See https://www.postgresql.org/docs/9.1/static/libpq-pgpass.html for some wildcard options such as

localhost:*:*:chris:mydevpassword

Your plaintext password is then protected by Windows file permissions. Which should be fine for passwords to non-production servers.

Postgres quick start for MS SQL / T-SQL developers

After 17 years on T-SQL I’m at last on my first project with Postgres. Here are the first things I needed for the transition:

  • Do this first: https://wiki.postgresql.org/wiki/First_steps as it answers most of your first questions about connections, databases, using roles for logins, users and groups, and so on.
  • 'String concatenation is done with ' || 'a double pipe '.
  • No NVarchar is needed, just varchar. The default installation uses UTF-8. In fact the usual idiom is to use the text type, because omitting the length-specifier performs marginally better on postgres.
  • Date & Time: use timestamp for datetime/datetime2
  • Read https://www.postgresql.org/docs/9.1/static/datatype-datetime.html for more on dates, times and intervals.
  • Use semicolon terminators nearly everywhere. If ... Then ... ; End If ; T-SQL doesn’t need them but Postgres demands them.
  • plpgsql script is strictly separated from “pure” standard SQL in a way that T-SQL just doesn’t bother with. If you are writing scripts, plpgsql must either be inside a function or inside an ‘anonymous function block’. It is always delimited by $$ or $somestring$; and Declare variables in one block before Begin :
    Select 'This line is plain SQL' ;
    Do $$
    Declare
      anumber integer ;
      astring varchar(100);
    Begin
    If 1=1 Then
     Raise Notice 'This block is plpgsql' ;
    End If;
    End $$ ;
    Select 'This line is SQL again' ;
    

    In fact, Postgres functions are defined in a string. The $$…$$ delimiters is actually a postgres syntax for a literal string constant anywhere in code, in which you don’t have to escape any special characters at all. Functions can be defined in other languages than plpgsql. See e.g. https://pgxn.org/dist/plv8/doc/plv8.html.

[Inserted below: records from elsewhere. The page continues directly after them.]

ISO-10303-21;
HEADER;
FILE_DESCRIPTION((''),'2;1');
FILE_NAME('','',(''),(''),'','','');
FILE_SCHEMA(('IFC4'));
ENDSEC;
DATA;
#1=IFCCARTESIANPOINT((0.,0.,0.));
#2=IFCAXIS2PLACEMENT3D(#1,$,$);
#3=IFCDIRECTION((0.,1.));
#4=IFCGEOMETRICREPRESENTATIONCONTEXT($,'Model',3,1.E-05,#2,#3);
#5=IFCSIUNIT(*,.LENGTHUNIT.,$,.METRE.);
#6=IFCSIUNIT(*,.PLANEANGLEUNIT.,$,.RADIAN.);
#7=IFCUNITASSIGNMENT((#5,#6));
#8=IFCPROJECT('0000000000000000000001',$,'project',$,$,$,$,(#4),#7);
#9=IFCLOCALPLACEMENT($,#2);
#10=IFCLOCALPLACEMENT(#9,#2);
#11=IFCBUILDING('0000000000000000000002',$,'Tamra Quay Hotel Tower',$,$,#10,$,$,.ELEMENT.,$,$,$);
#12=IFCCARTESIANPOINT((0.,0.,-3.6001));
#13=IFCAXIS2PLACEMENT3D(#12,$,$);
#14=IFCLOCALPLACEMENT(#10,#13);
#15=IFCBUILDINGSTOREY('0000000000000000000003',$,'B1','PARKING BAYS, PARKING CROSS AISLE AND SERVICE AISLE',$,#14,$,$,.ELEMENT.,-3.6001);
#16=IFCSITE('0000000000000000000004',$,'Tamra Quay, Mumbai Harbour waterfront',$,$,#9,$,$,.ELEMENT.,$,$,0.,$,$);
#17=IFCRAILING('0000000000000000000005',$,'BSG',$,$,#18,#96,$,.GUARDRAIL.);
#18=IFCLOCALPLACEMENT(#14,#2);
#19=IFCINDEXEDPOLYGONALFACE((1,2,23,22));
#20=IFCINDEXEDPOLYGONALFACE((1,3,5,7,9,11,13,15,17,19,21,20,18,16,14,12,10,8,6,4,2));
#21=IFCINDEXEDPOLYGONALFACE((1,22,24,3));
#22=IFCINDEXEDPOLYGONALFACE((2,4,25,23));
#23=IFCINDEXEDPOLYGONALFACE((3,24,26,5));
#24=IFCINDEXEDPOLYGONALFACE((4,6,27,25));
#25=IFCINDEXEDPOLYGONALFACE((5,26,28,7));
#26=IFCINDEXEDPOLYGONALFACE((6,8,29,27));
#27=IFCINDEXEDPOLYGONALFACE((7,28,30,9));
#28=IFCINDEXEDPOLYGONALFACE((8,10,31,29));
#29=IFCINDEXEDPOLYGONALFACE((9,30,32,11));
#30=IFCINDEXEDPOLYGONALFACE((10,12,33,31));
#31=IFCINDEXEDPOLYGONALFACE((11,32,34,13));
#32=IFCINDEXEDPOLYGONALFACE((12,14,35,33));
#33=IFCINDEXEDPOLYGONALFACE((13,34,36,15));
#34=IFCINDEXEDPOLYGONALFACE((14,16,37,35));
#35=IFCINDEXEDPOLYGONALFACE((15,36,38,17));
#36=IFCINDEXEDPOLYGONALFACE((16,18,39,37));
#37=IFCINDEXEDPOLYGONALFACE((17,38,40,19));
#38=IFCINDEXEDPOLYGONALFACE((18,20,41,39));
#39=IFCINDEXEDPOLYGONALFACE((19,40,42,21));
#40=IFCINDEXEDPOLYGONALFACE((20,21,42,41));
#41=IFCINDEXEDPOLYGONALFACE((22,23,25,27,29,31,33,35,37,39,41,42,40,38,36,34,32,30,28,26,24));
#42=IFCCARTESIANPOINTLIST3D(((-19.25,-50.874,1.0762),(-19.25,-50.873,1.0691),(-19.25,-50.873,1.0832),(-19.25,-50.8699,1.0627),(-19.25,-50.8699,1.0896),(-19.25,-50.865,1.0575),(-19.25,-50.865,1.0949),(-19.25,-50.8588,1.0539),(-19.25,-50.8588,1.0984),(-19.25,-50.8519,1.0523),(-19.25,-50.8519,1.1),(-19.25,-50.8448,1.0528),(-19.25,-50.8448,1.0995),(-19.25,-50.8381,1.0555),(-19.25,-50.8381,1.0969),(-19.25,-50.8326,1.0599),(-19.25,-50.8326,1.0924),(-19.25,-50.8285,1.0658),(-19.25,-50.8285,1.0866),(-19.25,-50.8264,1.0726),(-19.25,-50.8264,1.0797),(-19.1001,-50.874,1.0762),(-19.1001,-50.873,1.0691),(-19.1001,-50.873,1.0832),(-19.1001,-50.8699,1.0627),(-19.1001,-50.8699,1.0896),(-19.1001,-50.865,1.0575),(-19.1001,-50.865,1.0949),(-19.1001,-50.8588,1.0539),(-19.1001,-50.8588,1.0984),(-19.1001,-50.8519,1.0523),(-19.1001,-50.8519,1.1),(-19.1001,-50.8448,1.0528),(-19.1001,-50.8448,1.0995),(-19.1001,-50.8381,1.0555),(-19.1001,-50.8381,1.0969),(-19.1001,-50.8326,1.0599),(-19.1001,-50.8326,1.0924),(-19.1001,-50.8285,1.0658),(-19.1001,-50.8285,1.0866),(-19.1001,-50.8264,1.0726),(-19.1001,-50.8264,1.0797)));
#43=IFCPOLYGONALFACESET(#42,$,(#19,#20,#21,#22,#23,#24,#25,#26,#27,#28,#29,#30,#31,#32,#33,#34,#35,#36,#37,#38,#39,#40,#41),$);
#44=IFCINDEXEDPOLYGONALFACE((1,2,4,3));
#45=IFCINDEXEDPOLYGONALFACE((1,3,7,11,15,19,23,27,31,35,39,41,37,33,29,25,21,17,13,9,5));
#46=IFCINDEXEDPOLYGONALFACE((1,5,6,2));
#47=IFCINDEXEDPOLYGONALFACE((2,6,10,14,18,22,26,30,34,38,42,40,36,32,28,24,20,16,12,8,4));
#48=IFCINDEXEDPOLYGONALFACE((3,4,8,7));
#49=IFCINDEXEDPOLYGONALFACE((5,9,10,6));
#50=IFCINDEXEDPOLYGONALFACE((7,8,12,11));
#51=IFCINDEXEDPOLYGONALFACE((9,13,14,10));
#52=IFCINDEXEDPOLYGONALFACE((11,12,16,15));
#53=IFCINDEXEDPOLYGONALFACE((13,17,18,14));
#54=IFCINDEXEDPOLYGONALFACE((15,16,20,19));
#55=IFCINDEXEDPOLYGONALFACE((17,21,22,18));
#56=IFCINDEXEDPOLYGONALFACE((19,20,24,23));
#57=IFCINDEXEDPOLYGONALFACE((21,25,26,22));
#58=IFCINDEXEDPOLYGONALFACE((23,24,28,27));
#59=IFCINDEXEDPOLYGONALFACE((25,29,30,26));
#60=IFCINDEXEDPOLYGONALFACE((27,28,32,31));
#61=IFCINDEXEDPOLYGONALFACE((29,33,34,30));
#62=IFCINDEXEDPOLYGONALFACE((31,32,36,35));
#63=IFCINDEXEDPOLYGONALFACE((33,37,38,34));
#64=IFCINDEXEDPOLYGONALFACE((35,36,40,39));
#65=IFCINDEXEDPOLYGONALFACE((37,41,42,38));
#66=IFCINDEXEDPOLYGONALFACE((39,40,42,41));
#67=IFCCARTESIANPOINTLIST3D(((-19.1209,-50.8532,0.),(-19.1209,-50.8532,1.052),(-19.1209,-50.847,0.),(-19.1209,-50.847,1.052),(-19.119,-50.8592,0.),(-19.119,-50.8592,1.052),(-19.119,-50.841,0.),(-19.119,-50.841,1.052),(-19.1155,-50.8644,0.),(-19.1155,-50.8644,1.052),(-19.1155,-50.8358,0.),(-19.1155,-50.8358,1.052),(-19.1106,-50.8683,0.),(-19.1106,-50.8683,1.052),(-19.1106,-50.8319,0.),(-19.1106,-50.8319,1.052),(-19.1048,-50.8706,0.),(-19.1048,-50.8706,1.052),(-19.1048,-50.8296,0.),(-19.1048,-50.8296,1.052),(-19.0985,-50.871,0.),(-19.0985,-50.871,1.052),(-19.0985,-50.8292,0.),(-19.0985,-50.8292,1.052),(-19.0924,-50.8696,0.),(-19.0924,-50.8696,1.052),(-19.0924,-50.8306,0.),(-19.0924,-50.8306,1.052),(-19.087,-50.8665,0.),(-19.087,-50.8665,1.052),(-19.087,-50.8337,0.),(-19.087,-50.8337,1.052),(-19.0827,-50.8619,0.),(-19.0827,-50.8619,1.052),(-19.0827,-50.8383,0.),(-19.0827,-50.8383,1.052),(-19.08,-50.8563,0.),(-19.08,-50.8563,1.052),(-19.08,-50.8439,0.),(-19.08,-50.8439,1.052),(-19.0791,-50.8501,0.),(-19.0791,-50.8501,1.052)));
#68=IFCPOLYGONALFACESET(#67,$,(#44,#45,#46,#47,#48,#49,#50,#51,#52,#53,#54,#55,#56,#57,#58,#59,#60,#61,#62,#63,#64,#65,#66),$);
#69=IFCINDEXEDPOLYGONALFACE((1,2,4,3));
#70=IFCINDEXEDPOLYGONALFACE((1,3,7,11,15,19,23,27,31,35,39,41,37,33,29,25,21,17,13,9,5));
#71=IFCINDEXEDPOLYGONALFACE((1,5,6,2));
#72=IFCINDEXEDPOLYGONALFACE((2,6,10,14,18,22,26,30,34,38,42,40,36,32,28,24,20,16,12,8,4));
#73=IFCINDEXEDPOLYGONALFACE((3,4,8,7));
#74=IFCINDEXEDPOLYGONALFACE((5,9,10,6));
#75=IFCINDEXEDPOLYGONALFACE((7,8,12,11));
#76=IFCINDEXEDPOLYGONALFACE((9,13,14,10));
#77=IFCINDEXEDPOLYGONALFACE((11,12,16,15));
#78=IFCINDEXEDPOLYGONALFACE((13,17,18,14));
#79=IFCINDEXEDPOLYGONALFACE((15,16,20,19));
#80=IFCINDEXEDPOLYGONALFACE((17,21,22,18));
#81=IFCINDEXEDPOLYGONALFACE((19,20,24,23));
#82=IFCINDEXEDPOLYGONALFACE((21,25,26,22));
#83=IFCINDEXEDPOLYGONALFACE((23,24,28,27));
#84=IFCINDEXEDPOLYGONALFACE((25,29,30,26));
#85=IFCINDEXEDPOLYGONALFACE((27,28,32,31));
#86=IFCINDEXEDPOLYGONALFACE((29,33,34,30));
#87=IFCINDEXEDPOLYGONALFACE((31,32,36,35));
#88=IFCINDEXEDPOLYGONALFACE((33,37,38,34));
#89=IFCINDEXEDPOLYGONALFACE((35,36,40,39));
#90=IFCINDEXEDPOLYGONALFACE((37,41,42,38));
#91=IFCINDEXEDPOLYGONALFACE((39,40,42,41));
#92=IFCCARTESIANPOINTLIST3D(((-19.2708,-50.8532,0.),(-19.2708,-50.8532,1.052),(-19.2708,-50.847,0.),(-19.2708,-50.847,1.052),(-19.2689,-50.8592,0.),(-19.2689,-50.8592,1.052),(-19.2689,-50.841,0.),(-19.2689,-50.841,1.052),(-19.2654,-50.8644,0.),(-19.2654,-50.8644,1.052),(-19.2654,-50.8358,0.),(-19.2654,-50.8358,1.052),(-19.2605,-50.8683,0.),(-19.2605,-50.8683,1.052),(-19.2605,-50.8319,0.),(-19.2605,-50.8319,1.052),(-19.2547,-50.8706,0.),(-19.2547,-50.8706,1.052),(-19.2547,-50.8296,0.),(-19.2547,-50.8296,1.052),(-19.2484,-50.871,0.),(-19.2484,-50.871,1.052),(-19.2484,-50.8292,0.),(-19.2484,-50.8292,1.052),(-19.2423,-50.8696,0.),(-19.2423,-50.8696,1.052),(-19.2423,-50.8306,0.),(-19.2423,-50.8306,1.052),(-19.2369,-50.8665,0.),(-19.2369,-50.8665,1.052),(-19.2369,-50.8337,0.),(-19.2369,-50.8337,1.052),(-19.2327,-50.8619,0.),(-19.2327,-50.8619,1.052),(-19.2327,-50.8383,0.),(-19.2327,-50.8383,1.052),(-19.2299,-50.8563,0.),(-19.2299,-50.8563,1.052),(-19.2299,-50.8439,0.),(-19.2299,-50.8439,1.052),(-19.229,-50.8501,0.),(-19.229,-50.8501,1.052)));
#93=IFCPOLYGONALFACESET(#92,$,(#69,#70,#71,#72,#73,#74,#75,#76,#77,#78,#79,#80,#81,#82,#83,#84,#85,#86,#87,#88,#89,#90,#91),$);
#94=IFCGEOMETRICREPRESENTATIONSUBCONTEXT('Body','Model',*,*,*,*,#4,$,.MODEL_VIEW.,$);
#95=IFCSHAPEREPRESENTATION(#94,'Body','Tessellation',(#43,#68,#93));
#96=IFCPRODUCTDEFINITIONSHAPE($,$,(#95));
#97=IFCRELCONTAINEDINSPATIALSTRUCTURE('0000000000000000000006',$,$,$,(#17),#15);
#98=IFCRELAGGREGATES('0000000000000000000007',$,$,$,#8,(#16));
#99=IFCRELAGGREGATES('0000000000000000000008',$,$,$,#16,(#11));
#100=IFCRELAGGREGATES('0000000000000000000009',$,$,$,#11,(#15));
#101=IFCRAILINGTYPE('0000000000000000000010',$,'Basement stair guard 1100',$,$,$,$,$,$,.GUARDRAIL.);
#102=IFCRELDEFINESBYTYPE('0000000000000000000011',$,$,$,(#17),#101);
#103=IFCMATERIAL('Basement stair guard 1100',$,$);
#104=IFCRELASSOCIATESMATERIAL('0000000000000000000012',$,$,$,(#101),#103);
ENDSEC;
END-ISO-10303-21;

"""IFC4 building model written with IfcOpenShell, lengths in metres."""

from ifc_helpers import new_model, si_unit, direction, frame, origin, origin_2d, place, context, subcontext, project, spatial, circle, extrude, material, type_object, element, save


model = new_model("IFC4")

# Units and contexts
model_context = context("Model", 3, precision=1e-05, world=origin(), true_north=direction((0.0, 1.0)))
body_context = subcontext(model_context, "Body", "Model", "MODEL_VIEW")
ifc_project = project(units=[si_unit("LENGTHUNIT", "METRE"), si_unit("PLANEANGLEUNIT", "RADIAN")], contexts=[model_context])

# Site, building, storey
site_placement = place(None, origin())
site = spatial("IfcSite", under=ifc_project, at=site_placement, Name="Tamra Quay, Mumbai Harbour waterfront", CompositionType="ELEMENT", RefElevation=0.0)
building_placement = place(site_placement, origin())
building = spatial("IfcBuilding", under=site, at=building_placement, Name="Tamra Quay Hotel Tower", CompositionType="ELEMENT")
storey_placement = place(building_placement, frame((0.0, 0.0, -3.6001)))
storey = spatial("IfcBuildingStorey", under=building, at=storey_placement, Name="B1", Description="PARKING BAYS, PARKING CROSS AISLE AND SERVICE AISLE", CompositionType="ELEMENT", Elevation=-3.6001)

# Railing
ifc_material_1 = material(Name="Basement stair guard 1100")
railing_type_1 = type_object("IfcRailingType", Name="Basement stair guard 1100", PredefinedType="GUARDRAIL", material=ifc_material_1)
railing_1_placement = place(storey_placement, frame((-19.1001, -50.8501, 0.0)))
element("IfcRailing", 1, at=railing_1_placement, inside=storey, type_object=railing_type_1, Name="BSG", PredefinedType="GUARDRAIL", context=body_context, shape_type="SweptSolid", body=[
    extrude(circle(Radius=0.0239, at=origin_2d()), frame((0.0, 0.0, 1.0762), z_axis=(-1.0, 0.0, 0.0), x_axis=(0.0, -1.0, 0.0)), (0.0, 0.0, 1.0), 0.1499),
    extrude(circle(Radius=0.021, at=origin_2d()), origin(), (0.0, 0.0, 1.0), 1.052),
    extrude(circle(Radius=0.021, at=origin_2d()), frame((-0.1499, 0.0, 0.0)), (0.0, 0.0, 1.0), 1.052),
])

save(model, "model.ifc")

  • Variables: just use a plain identifier myvariablename with no @ symbol or other decoration. BUT as a consequence you must avoid variable names in a query that are the same as a column name in the same query. BUT BUT in Ado.Net Commands with Parameters, still use the @parametername syntax as you would for SQL Server
  • Use Function not procedure:
    Create or Replace Function procedureName( forId int, newName varchar(20) )
    Returns int -- use returns void for no return
    As $$
    Declare 
      localvariable int;
      othervariable varchar(10);
    Begin
     Insert into mytable (id,name) values (forId, newName) On Conflict (id) Do Update Set Name=NewName ;
    End $$;
  • Ooh, did you notice the ‘Create or Replace’ syntax, and how Postgres has a really good Upsert syntax – Insert On Conflict Update ?
  • Postgres does function overloads, so to drop a function you must give the signature: Drop function functionname(int)
  • Whereas the T-SQLer does everything in T-SQL, other database systems use non-sql commands for common tasks. For working at a command-line, learn about psql meta-commands.. Start with \c to change database, \l to list databases, \d to list relations, and \? to list other meta commands.
  • Postgres have (I think) made more effort than MS to stay close to the SQL standards and as with T-SQL, the docs go into detail on deviations. But this means that much of your code for databases, schemas, users, tables, views, etc can be translated fairly quickly.
  • Replace Identity with Serial or from Postgres 10 you can use the standard-but-wordy GENERATED BY DEFAULT AS IDENTITY. For more complex options, Postgres uses SQL sequences.
  • Postgres replaces logins and database users and groups with a single concept: role. Permit a role to login with the With Login clause when you Create or Alter it: Create Role MyNameHere With Login. Grant it access to a database with Grant Connect: Grant Connect on Database dbname TO roleName. Make it a group with – well, it already is a group. Add other roles to it with Grant Role1 to Role2. I think this approach turns out to be much easier both to evolve and to understand and manage.
  • The Nuget package for Ado.Net, including for .Net core, is Npgsql
  • Scan these

Converting T-SQL to Postgres

Here’s my initial search/replace list for converting existing code:

Search Replace
@variableName _VariableName
but stay with @variable for .Net clients using Npgsql
NVarChar Text or VarChar
datetime
datetime2
timestamp
Identity Serial
The SQL-standardGenerated by default as Identity works from Postgres 10.
Raise Raise Exception
Print Raise Notice
Select Top 10 ... Select ... Fetch First 1 Rows Only ;
Insert Into table Select ... Insert into Table (COLNAMES) Select ...
If Then Begin … End
Else Begin … End
If Then … ;
Else … ; End If ;
Create Table #Name Create Temporary Table _Name
IsNull Coalesce
UniqueIdentifier uuid
NewId() First websearch for Create Extension "uuid-ossp" to install the guid extension to a database. Then you can use uuid_generate_v4() and other uuid functions
Alter Function|Procedure Create or Replace Function

Authorization

Usually you will connect to postgres specifying a username. The psql.exe commandline tool will default it to your windows username. You can avoid passwords in scripts that use psql by putting them in the pgpass.conf file). If you want to set up integrated security, the limitation is that for computers not in a Domain it only works on localhost. The instructions at Postgres using Integrated Security on Windows take about 5 minutes for the localhost case, and include a link to the extra steps for the Domain case.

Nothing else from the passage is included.